À l’image de la mobilisation contre le Covid-19, la lutte contre le frelon asiatique nécessite un engagement global de la population. Les reines sont à cibler en priorité avant qu’elles ne pondent. Ainsi que le confirmait « Sud Ouest » en 2016 au terme d’une longue enquête sur l’origine du frelon asiatique en France, l’espèce s’est développée… à partir d’une seule femelle. Les analyses génétiques des spécimens sont formelles. Importée par mégarde dans des marchandises venant de Chine, une reine s’est épanouie dans le Lot-et-Garonne, où les premiers nids de frelons asiatiques ont été repérés en 2004. Fécondée par plusieurs mâles, elle a engendré une extraordinaire descendance s’attaquant aux abeilles. Des scientifiques avaient envisagé une extinction progressive des colonies par consanguinité. En 2023, l’hypothèse a été invalidée : lors de l’accouplement, « les reines sont capables de distinguer génétiquement les mâles très proches et moins proches grâce aux phéromones », expliquait le chercheur Éric Darrouzet.
Intervenir au printemps
« Les reines se réveillent à la fin de l’hiver et se mettent à construire leur nid. Dans un même temps, elles cherchent de la nourriture avant de pondre leurs larves. Un mois après, elles reçoivent l’aide de leurs progénitures. Le piégeage est alors inutile. Une colonie comprend entre 10 000 et 12 000 frelons », décrit Éric Nadeau, membre du Groupement de défense sanitaire apicole de Gironde (GDSA33). D’où l’importance de capturer les reines dès leurs premières sorties. Ce que recommande le plan national de lutte contre le frelon asiatique annoncé le 27 mars 2026 par le gouvernement.

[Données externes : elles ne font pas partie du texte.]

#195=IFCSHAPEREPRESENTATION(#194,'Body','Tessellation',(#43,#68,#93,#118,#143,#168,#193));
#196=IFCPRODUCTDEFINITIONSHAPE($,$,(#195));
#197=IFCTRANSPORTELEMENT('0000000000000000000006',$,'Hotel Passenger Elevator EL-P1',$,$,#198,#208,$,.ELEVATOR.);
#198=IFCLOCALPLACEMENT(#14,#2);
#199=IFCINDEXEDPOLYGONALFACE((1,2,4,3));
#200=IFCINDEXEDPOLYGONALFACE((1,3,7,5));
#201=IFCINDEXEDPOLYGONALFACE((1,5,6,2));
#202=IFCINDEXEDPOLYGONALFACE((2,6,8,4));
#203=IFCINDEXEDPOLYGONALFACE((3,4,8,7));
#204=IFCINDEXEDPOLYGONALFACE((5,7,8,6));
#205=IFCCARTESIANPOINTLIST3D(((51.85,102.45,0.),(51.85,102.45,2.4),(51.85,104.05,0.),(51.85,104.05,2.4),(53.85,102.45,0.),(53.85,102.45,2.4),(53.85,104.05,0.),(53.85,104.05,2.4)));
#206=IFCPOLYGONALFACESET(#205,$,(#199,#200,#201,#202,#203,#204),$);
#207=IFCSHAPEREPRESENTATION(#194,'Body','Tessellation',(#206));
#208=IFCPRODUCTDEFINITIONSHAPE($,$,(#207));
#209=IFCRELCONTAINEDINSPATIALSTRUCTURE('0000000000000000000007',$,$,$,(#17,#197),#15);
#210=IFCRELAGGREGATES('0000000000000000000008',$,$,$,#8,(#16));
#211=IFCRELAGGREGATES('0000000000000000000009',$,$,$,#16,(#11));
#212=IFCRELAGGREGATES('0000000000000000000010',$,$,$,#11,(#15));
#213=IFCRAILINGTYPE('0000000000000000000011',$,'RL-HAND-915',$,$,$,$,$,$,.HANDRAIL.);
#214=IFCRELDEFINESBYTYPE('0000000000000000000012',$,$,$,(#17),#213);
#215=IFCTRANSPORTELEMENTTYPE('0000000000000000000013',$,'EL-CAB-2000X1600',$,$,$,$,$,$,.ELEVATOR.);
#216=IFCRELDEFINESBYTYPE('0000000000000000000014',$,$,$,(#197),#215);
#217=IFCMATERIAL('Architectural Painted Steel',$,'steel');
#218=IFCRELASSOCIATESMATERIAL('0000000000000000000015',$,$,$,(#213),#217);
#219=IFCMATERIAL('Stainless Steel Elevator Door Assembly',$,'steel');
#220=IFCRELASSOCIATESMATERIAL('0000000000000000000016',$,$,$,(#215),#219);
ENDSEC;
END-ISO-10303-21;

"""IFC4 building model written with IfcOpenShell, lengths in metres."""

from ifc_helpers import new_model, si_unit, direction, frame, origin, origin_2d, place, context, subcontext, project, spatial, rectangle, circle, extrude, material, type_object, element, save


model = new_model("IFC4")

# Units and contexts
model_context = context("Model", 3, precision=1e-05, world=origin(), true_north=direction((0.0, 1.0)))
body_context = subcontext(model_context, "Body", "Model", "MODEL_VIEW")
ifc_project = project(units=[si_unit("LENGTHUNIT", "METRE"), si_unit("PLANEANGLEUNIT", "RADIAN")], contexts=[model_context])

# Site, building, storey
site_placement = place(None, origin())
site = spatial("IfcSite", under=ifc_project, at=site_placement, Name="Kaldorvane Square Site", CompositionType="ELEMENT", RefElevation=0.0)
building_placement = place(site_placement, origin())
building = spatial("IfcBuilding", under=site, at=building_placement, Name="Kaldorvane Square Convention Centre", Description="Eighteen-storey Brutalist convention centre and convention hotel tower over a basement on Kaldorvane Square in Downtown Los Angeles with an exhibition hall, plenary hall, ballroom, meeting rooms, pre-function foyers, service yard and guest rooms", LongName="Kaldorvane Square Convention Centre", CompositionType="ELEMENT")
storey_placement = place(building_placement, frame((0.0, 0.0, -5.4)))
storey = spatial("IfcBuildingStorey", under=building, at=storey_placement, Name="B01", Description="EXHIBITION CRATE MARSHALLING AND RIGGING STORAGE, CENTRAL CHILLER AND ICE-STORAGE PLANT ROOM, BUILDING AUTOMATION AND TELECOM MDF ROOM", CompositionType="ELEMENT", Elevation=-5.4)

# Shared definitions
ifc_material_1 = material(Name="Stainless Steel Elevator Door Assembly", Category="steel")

Des appâts et des pièges sélectifs
En guise d’appât, Éric Nadeau recommande ce mélange : grenadine, vin blanc et levure de boulanger. Lors de ses démonstrations, il prône l’usage de pièges sélectifs, lesquels sont désormais vendus en jardinerie. Dans la Soule, à Mauléon-Licharre, l’entreprise Ornetin a lancé en 2025 une production industrielle de ses pièges. En Suisse, un ingénieur plasticien a créé un système, Good4Bees, qui ne capture que les frelons asiatiques et permet aux autres insectes de s’échapper… Les apiculteurs, eux, protègent leurs abeilles, notamment, avec des harpes électriques posées à l’entrée des ruches : les frelons se grillent les ailes tandis que leurs proies passent à travers.